Acknowledge that it’s bigger than us. I am asking you to play a long game. Reposting one woman’s story or doing one favor at work might feel virtuous in the short term, but being supportive, as an adjective, requires a greater commitment to change. Think about physical conditioning and the length of time you have to train to feel a difference. Instinctively responding to other women in a new manner won’t just take weeks. It will take months, and even this Herculean task pales in comparison to the real boulder we are trying to move: creating change that inspires other women. The more you advocate and champion other women, the more they adopt the same ethos. The more women who adopt the same ethos, the more everyone is forced to normalize it.
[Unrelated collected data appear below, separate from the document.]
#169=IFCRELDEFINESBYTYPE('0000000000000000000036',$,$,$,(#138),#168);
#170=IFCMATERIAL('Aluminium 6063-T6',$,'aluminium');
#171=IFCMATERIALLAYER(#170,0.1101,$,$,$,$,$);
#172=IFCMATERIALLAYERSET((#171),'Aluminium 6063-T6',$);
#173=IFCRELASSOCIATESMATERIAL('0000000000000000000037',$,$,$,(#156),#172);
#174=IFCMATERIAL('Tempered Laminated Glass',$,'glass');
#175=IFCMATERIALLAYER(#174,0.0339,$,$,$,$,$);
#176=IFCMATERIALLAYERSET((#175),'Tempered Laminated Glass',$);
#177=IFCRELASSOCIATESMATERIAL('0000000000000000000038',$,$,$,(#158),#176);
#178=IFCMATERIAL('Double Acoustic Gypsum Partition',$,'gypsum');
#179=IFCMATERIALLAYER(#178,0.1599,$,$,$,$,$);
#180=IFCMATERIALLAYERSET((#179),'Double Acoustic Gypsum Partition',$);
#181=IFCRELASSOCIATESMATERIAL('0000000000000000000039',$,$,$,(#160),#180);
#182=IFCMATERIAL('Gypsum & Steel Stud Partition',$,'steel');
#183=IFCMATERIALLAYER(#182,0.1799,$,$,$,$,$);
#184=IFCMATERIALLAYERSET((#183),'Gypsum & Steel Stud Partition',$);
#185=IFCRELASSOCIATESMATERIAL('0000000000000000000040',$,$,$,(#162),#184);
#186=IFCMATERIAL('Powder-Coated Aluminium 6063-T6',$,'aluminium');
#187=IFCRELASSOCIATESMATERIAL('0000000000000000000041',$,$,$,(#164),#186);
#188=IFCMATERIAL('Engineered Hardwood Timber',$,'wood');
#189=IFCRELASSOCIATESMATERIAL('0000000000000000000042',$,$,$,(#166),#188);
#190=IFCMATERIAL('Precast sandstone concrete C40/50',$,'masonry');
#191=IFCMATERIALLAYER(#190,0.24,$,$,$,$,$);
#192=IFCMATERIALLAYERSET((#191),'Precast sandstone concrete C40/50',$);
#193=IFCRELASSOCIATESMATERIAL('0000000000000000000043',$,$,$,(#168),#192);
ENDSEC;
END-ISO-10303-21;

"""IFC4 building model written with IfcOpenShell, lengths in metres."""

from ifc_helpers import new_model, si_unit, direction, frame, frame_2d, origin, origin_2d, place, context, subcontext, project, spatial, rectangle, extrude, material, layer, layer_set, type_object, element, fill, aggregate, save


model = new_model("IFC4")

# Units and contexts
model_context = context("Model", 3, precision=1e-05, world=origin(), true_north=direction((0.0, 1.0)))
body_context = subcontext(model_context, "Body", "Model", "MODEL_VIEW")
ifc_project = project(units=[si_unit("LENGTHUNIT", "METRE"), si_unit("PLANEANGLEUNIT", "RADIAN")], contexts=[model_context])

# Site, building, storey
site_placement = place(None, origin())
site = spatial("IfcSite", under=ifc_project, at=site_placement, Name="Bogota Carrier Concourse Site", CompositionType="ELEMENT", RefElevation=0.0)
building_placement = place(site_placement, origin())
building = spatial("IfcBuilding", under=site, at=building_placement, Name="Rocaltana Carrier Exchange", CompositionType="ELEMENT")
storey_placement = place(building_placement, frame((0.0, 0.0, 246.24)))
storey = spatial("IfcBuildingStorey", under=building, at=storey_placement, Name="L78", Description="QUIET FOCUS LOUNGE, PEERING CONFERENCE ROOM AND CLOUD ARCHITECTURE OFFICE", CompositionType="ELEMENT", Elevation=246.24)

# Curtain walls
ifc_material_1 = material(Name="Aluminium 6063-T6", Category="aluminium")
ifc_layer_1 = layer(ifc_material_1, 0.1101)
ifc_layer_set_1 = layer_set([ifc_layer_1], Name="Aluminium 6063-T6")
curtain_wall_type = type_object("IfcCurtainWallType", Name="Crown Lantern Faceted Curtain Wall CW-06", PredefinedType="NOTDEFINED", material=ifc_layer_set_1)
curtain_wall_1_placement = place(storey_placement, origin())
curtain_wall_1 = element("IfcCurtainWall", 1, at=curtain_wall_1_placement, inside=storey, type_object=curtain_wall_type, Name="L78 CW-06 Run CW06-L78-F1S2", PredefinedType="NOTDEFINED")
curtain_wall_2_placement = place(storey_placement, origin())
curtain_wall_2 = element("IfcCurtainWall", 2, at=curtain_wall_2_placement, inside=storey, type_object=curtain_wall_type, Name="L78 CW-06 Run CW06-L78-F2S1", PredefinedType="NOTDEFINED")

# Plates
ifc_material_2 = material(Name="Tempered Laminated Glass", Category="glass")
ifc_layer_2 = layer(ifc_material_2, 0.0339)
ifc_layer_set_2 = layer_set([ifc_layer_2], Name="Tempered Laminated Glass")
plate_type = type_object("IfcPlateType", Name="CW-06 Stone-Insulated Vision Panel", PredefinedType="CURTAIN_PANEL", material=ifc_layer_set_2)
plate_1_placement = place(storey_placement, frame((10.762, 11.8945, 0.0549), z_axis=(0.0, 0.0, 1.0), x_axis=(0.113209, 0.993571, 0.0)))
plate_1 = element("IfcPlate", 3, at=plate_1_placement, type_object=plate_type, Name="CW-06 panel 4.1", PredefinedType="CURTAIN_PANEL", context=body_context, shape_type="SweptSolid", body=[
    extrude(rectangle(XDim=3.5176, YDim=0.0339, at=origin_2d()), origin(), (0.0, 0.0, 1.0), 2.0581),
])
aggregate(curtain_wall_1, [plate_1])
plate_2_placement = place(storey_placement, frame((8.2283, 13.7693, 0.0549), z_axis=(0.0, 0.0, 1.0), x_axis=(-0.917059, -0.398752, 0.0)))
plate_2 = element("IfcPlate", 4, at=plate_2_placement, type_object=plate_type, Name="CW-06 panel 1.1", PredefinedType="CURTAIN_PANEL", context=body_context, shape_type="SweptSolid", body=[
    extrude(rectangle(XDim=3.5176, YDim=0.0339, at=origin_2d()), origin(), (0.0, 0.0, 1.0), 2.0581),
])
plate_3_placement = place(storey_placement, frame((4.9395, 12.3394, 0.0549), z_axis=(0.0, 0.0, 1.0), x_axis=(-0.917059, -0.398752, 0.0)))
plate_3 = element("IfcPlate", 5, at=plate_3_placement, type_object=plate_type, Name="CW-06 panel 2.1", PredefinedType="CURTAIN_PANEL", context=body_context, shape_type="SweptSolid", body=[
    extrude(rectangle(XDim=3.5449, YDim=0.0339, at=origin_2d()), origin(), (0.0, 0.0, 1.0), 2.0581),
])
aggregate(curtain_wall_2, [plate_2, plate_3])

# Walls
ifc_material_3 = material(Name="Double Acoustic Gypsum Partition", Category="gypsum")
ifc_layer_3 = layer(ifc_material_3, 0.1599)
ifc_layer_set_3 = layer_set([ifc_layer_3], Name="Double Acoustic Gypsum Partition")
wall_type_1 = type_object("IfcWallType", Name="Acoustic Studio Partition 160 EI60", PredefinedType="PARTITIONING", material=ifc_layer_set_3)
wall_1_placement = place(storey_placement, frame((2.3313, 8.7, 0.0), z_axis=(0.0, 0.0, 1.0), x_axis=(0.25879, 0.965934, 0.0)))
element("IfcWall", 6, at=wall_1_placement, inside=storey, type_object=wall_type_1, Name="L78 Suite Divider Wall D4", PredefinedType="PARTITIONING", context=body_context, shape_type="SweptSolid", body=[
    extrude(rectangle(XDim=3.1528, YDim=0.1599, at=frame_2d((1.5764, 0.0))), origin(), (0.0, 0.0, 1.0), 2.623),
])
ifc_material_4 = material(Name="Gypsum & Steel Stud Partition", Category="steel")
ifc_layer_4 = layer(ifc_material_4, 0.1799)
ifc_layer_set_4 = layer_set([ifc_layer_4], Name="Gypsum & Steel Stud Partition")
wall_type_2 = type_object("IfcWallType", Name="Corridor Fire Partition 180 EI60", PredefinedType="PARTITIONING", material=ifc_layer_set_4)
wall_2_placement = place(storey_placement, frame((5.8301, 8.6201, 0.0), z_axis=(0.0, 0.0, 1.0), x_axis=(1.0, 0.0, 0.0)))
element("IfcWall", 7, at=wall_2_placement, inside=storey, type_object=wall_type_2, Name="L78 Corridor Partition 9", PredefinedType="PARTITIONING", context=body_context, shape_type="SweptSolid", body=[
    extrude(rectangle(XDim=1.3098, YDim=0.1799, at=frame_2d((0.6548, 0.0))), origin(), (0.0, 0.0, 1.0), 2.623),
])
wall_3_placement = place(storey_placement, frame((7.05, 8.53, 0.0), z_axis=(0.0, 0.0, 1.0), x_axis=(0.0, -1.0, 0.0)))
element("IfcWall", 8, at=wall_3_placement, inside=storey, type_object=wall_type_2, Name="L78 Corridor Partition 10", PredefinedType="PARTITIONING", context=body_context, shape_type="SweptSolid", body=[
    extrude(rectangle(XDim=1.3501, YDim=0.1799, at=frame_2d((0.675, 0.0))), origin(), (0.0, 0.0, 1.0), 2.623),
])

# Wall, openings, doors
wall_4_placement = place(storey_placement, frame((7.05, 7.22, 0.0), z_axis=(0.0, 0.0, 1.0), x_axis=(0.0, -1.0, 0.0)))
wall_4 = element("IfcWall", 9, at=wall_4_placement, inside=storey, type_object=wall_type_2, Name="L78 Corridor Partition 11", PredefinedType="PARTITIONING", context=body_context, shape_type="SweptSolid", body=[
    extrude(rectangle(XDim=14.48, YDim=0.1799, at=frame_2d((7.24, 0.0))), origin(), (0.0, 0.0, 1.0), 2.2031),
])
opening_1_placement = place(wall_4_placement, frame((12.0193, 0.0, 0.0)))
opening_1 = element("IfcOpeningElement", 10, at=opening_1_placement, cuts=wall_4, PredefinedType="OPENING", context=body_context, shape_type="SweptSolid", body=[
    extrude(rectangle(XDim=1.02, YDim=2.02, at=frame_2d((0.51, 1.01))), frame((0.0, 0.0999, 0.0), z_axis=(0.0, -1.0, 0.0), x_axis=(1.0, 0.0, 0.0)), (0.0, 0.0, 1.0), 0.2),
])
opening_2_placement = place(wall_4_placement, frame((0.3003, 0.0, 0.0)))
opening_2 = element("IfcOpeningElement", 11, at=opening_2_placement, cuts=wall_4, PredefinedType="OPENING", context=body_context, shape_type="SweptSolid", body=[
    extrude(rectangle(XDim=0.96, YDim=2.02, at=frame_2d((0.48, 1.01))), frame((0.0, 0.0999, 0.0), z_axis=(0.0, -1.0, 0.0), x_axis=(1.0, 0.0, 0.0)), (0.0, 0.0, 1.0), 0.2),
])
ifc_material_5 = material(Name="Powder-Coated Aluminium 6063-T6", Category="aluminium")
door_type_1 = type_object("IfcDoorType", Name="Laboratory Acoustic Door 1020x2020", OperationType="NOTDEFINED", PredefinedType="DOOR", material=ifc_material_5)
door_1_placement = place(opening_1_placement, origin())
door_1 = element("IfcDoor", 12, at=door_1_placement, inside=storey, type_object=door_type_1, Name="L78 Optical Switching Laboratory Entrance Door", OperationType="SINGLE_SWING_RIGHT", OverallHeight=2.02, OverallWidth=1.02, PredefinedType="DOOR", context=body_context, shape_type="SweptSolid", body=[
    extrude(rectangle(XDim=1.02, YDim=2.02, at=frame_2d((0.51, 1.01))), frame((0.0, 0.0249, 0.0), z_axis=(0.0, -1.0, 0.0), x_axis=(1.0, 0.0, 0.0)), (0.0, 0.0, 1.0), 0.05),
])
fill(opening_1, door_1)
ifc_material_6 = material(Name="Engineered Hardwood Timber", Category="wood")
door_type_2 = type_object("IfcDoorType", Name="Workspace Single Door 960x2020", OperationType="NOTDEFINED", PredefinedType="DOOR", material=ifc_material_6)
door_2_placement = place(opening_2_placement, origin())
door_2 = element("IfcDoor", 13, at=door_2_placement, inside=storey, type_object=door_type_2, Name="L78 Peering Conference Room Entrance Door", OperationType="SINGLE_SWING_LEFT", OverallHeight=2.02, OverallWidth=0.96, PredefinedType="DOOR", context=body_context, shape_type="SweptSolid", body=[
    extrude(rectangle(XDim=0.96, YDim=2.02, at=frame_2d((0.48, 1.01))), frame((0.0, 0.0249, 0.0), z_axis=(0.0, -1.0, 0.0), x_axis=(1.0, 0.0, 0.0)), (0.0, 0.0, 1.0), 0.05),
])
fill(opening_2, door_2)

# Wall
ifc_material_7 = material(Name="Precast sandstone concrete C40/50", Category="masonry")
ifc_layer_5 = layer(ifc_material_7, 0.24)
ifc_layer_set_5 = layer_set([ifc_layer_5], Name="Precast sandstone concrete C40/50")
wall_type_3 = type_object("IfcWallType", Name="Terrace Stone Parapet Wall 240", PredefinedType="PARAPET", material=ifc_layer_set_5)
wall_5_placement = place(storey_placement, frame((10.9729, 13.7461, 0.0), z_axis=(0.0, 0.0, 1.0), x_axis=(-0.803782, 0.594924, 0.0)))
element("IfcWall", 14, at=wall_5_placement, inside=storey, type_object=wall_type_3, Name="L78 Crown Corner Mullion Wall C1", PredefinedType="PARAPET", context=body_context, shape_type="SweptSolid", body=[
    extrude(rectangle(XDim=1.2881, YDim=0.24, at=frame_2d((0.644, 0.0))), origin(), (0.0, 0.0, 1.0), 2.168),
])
It’s okay to get excited over a viral moment, which can be a great catalyst for awareness. But the risk lies in believing it’s that simple now: Buying some merch. Attending a lunch and learn. Reposting a square. Deep down, know it is not that simple. Women becoming more supportive of each other requires a revolution through generations, not hashtags. But it starts with our willingness to identify the moments where we can step up, and to actually do it. Let’s start there.
Do you have more ideas about how we can support each other? I want to hear them. Email averagejoelle3@gmail.com or drop in the comments below.
Also
I have COVID. My brain is an egg omelette. If I wasn’t so hyped up on this topic I wouldn’t have published this week. S/O to Vick’s VapoShower tablets, Mucinex, and BreatheRight nasal strips. Sorry for not having our typical pics, links, and tiny victories to share. As they say, I’ll circle back ASAP :)
Very well said. I have read many posts touching on the increasingly important topic of women supporting women...yours stands out. You speak in realistic terms, keying in on competition's pitfalls, while providing action steps one can undertake to better the situation. As a human being first and the father of a daughter second, the importance of women supporting women, in a male dominated world, cannot be overstated. I hope your COVID passes quickly.
So, so good Heather! You have such a gift of putting words to what so many women feel. I just texted some friends because of this article, trying to do my small part. :) Feel better and know you are appreciated!